Private Equity’s Part
Aside from the megamerger of Kraft Foods Group and H.J. Heinz, which is backed by 3G Capital and Berkshire Hathaway, private-equity firms have ceded big deals to strategic buyers in 2015, says Brown. That’s in contrast to the mid–2000s, which saw a number of large club deals, buyouts sponsored by two or more private-equity firms. (NXP Semiconductors, mentioned above, was acquired in a 2006 club deal.)
Overall, private-equity buyers accounted for 23% of total U.S. transactions in the first quarter, a decrease of 2% from a year ago, according to Isom. While the disclosed value of private-equity deals rose 27% in the first quarter, from $88.4 billion in 2014 to $112.1 billion, the number of deals fell 6%, from 625 deals to 590. There are several reasons for the decline in volume. One is pricey valuations, a result of high share prices and competition from strategic buyers. Another reason is the growing focus on finding quality targets, says Isom.

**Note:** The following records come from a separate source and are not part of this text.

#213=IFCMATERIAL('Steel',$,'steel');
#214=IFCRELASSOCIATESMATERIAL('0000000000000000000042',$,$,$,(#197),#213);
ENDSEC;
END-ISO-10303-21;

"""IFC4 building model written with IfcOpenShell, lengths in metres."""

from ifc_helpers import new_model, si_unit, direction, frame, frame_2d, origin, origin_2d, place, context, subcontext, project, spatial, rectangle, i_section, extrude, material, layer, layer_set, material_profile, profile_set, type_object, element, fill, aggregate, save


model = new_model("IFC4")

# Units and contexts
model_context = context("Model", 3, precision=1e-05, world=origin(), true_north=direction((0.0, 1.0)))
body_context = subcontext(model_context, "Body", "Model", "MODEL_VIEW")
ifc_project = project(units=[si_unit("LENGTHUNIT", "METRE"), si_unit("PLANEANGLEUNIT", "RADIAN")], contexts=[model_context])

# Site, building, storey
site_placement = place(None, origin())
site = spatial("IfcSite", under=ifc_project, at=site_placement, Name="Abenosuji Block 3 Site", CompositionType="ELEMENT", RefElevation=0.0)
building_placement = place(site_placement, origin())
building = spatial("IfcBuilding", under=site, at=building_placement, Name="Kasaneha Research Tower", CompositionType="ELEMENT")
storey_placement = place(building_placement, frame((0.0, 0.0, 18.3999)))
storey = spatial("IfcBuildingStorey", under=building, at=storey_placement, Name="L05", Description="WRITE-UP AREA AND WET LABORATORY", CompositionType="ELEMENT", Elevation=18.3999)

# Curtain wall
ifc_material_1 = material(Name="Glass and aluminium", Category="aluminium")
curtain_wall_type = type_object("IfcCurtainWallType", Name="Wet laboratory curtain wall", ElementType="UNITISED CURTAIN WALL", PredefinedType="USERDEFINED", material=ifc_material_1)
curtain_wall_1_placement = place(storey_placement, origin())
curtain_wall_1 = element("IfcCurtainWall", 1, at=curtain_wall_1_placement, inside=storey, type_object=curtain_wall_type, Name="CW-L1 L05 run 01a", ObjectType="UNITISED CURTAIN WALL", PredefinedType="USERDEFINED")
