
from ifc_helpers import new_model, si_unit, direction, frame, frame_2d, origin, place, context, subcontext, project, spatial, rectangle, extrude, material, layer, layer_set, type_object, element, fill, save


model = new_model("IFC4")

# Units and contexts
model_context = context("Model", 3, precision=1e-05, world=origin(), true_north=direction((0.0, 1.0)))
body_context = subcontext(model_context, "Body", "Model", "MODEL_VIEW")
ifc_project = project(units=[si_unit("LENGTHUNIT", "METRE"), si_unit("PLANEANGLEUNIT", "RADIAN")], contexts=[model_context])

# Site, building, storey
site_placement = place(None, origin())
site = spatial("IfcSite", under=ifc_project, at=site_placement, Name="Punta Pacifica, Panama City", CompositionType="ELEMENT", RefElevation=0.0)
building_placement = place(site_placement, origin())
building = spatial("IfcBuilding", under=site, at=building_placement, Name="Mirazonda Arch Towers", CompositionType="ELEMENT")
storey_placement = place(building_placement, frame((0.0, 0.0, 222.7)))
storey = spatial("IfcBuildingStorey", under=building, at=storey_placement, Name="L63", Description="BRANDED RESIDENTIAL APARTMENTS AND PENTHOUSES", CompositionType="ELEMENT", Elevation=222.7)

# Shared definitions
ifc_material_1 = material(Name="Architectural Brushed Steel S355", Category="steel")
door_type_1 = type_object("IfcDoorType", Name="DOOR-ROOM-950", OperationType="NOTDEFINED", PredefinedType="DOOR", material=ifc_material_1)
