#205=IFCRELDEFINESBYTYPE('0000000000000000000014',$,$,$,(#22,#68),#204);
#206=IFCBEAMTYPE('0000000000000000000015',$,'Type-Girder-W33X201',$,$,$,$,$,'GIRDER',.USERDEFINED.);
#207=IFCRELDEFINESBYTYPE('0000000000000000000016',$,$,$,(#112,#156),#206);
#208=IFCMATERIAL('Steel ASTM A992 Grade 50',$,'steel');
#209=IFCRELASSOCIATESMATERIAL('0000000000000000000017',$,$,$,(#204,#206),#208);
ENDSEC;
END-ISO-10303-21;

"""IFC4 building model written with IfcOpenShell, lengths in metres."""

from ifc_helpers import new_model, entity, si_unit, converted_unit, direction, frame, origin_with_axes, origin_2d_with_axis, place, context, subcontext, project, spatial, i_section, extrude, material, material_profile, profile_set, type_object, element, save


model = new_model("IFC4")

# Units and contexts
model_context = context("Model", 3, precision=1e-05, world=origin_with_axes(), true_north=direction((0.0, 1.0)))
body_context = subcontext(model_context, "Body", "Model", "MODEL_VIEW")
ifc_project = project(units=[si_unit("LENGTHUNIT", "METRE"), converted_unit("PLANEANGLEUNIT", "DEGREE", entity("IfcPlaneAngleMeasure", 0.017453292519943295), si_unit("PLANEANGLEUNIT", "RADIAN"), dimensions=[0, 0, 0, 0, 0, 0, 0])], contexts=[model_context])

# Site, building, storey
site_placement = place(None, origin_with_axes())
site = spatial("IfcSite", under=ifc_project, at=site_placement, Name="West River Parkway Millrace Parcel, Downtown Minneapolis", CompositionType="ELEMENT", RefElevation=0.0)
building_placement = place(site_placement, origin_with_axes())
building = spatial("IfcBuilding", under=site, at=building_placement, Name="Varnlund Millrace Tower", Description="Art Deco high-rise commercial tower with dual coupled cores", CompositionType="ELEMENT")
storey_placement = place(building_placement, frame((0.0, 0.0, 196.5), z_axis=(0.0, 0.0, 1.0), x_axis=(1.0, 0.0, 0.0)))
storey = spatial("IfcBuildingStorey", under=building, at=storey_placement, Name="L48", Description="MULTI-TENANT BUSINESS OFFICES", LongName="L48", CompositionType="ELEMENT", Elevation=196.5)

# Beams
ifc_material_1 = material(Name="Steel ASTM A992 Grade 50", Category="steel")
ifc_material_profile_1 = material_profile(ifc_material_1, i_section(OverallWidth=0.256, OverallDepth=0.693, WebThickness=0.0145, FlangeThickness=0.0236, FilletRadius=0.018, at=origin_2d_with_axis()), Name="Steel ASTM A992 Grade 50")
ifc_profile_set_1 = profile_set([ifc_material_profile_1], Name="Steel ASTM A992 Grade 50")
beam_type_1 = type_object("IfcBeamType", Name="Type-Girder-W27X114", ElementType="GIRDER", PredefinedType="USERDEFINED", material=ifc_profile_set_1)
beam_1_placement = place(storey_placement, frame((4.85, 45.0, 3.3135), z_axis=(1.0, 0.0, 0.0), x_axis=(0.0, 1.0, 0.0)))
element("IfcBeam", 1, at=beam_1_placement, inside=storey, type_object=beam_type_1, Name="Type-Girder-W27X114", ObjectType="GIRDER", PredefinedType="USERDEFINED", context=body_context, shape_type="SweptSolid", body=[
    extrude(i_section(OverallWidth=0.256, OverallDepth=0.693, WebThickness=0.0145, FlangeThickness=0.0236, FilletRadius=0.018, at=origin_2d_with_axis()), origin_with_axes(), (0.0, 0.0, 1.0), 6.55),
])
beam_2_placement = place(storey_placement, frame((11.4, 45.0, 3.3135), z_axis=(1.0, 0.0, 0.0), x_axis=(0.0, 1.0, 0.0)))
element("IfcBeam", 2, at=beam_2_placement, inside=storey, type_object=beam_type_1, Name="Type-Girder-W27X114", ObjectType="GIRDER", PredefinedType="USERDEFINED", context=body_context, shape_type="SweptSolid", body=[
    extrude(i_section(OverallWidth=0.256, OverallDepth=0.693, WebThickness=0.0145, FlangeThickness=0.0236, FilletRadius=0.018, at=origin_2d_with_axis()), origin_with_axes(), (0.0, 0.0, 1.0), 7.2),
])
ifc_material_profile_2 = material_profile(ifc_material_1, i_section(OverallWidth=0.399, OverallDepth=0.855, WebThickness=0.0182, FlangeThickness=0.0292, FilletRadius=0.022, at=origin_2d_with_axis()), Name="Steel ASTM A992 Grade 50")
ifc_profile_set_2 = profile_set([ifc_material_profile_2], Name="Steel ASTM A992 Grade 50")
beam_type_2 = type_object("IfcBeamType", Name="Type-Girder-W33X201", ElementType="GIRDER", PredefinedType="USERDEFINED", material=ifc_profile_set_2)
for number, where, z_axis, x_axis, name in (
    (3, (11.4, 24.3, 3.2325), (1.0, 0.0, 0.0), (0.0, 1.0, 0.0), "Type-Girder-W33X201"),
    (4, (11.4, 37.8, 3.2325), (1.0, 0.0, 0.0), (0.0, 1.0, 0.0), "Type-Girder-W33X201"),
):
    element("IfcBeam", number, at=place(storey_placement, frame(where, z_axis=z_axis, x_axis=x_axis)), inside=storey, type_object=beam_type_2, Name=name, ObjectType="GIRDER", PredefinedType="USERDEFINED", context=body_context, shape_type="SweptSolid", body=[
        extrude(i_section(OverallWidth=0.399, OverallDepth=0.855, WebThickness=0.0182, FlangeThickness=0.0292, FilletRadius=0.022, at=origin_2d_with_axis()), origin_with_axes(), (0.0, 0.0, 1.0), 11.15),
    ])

But vibrant M&A markets need sellers as well as buyers, and Brown notes that private-equity firms have made a significant number of exits in the past two years, either by selling portfolio companies or taking them public. “You’ve seen a sort of rebalancing of the overall private-equity model,” he says. “There’s still a lot of confidence in private equity, a lot of desire to do deals.” High levels of dry powder and access to cheap capital continue to favor private-equity buyers, says Brown.
Brown and other experts expect M&A activity to remain strong in the second half of the year. “I see no signs of a slowdown,” he says. “I believe the rest of 2015 will continue to be strong, as multiple sectors are contributing to the M&A boom.”
Conditions continue to be ripe for M&A, agrees Isom, “given strong corporate balance sheets, anticipation that interest rates will remain low in the near term, and increased CEO and consumer confidence.”
What could disrupt the rosy scenario? Either a drop in the stock market or a higher-than-expected rise in interest rates could have an impact, Brown says. “CEO and investor confidence appears to be fairly strong, as evidenced by the market,” he says. “If confidence starts to ebb significantly, or if the market starts to slide, then M&A activity may slow down.”
Edward Teach is editor-in-chief of CFO.